Concordo con Wonder Woman, non si diventa soli a causa della tecnologia. Si è già soli quando si soffre di solitudine, che sarebbe prima di tutto una condizione personale mutuata da molteplici motivi. Il che non fa sempre della solitudine una condizione negativa. Credo sia un errore attribuire alla solitudine sempre un accezione negativa.

Il mezzo tecnologico c'entra per il fatto che rappresenta un rifugio molto facile, comodo e "pret a porter".
Qualcosa che non abbisogna di particolare impegno o preparazione per essere usufruito. Proprio perché semplifica la vita delle persone. Se ad essere semplificati sono i rapporti, non vuol dire che li mistifica, ma che può anche amplificarli, in positivo o in negativo. Se nella vita reale si hanno rapporti sani con le persone, il mezzo tecnologico non credo abbia la capacità (da solo) di renderli malati o ambigui. Cosi come un matto, una scheggia impazzita del web, non potrà mai essere portato dalla tecnologia ad avere rapporti sani.

Se l'isolamento di un individuo deriva principalmente da problemi personali e relazionali insormontabili, per questi il mezzo tecnologico rappresenta un ottimo coadiuvante al suo autoisolamento, ma non credo possa rappresentarne la causa.

Il tutto mi fa pensare ad una cosa, mentre si attribuisce alla tecnologia una funzione forzatamente negativa (cosa impossibile), trovo che invece, anche nel campo di simili "patologie", possa rappresentare una "cura", seppur palliativa. Uno strumento al quale una persona fondamentalmente sola si rivolge e che la fa sentire meno sola pur non rimuovendo le cause della propria solitudine. Di certo la tecnologia non rappresenta quelle cause, come potrebbe.

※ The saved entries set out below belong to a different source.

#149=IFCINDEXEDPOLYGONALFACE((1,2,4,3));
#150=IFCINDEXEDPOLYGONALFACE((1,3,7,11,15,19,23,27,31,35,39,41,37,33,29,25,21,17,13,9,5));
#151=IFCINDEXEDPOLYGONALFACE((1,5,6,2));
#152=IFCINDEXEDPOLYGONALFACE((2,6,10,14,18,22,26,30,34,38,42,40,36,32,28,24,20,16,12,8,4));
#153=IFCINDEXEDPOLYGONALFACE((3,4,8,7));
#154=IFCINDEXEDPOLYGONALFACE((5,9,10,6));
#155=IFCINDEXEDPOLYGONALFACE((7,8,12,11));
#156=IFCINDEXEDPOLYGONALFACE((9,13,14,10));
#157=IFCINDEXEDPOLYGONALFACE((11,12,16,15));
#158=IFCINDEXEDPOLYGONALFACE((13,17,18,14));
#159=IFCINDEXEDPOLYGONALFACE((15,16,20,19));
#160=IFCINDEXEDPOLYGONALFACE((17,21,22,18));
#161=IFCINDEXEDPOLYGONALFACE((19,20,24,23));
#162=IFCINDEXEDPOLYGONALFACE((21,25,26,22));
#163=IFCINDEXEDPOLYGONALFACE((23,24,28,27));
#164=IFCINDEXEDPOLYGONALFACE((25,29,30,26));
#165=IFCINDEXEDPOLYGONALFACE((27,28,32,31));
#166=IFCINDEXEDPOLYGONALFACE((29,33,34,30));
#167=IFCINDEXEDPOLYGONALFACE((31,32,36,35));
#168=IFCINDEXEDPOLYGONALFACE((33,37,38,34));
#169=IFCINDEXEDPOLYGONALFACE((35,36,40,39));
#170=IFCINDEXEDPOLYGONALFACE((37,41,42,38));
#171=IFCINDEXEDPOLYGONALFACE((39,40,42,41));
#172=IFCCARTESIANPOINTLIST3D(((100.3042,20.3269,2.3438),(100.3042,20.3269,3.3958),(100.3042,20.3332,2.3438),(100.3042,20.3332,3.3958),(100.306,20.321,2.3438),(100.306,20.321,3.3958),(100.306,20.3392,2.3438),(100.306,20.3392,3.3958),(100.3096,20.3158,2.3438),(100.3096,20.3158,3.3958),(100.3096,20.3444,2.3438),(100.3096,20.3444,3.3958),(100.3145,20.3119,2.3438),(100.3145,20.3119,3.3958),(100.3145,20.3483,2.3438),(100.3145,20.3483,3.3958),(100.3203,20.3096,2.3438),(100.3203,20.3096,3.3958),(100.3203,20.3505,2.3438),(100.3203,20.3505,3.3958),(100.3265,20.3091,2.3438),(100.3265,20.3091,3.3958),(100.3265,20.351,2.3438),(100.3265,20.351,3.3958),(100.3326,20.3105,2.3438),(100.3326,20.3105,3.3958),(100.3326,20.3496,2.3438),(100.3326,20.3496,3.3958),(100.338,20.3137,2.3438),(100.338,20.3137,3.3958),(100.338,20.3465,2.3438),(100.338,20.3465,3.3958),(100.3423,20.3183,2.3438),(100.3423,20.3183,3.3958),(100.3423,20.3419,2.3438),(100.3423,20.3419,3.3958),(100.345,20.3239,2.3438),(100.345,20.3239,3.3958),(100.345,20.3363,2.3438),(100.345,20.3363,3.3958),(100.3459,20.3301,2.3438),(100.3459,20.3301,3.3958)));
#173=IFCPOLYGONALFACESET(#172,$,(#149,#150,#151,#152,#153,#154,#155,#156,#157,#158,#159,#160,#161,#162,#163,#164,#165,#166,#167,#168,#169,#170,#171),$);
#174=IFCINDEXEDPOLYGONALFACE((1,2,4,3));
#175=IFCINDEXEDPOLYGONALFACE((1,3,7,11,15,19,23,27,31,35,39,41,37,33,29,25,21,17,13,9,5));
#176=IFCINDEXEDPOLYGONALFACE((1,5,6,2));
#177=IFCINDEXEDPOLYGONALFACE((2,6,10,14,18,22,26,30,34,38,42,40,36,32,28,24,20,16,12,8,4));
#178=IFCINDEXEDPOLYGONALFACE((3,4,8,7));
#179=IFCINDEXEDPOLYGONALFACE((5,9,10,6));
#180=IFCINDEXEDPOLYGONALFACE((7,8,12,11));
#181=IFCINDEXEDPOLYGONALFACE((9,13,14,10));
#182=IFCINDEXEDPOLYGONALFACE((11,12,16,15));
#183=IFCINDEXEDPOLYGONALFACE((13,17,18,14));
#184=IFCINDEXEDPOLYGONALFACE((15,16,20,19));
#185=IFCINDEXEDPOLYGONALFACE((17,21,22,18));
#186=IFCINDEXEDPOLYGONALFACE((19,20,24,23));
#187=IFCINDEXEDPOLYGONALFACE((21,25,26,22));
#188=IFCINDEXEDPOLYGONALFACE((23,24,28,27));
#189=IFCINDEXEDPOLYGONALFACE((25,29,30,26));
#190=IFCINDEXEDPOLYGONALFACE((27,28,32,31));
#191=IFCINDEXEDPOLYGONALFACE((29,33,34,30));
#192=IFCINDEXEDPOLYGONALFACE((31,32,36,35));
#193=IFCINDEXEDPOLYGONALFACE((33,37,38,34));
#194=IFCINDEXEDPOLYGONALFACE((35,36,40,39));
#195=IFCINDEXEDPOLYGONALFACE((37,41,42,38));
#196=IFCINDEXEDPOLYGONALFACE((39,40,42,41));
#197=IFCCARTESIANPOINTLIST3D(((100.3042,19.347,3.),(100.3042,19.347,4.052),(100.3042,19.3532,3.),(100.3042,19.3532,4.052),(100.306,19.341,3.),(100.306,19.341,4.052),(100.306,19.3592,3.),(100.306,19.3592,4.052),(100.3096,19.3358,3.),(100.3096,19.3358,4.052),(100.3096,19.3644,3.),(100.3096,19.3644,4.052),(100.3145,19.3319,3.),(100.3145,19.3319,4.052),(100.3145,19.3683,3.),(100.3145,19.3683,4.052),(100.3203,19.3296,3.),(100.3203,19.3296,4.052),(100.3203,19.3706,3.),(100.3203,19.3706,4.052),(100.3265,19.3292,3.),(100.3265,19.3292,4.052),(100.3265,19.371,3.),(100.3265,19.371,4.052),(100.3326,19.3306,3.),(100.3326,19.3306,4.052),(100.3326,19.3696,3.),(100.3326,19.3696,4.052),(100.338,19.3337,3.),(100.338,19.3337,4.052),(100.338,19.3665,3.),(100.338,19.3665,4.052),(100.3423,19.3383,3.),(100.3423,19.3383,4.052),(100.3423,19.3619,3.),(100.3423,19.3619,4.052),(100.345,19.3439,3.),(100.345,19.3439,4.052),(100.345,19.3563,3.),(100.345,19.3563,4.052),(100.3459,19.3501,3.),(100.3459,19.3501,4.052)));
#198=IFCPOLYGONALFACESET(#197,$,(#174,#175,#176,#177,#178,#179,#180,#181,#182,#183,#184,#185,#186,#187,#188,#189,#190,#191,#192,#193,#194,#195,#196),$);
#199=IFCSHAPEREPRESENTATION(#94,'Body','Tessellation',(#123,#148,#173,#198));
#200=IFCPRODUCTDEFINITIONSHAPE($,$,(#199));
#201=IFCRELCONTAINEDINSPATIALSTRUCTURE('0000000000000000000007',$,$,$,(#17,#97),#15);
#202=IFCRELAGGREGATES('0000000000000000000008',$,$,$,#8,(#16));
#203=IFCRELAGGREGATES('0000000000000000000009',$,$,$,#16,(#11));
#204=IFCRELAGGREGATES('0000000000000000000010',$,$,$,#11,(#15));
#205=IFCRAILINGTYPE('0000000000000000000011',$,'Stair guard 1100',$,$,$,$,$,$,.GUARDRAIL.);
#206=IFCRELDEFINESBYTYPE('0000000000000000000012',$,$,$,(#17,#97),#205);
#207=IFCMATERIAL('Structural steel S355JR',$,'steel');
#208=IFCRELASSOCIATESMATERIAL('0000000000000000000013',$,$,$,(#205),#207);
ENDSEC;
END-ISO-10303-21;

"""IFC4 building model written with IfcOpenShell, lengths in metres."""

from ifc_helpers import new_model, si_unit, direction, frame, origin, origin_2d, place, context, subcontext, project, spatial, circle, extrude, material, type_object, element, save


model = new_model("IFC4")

Ma scusate, gli psicofarmaci allora? Influenzano l'attività psichica senza che risolvano i problemi più profondi legati al singolo individuo e la sua personalità. Aiutano in qualche modo? Si? Allora che facciamo, li demonizziamo?

Non vedo perché demonizzare la tecnologia in campo relazionale. Io rivedrei le relazioni piuttosto e farei un semplice e frettoloso distinguo tra quelle legate al bisogno e quelle futili perché i nostri bisogni non sono più di cosi vitale importanza. In quest'ultimo caso è facile che si degeneri, con la tecnologia o meno.


----------



## sienne (6 Gennaio 2014)

Ciao 

Quoto Fantastica & JON

Inoltre, non da dimenticare, che l'approccio di comunicazione e d'incontro è totalmente differente. 
Mancano le informazioni visive, tattili e dell'olfatto ... i quali, già determinano, 
se ci avviciniamo o meno ad una persona. Fungono da selezione ... 
perché trasmettono certe informazioni ... e la nostra mente interpreta. 
E solo dopo ... può avvenire lo scambio di idee ecc. che fungerà per un'ulteriore selezione ... 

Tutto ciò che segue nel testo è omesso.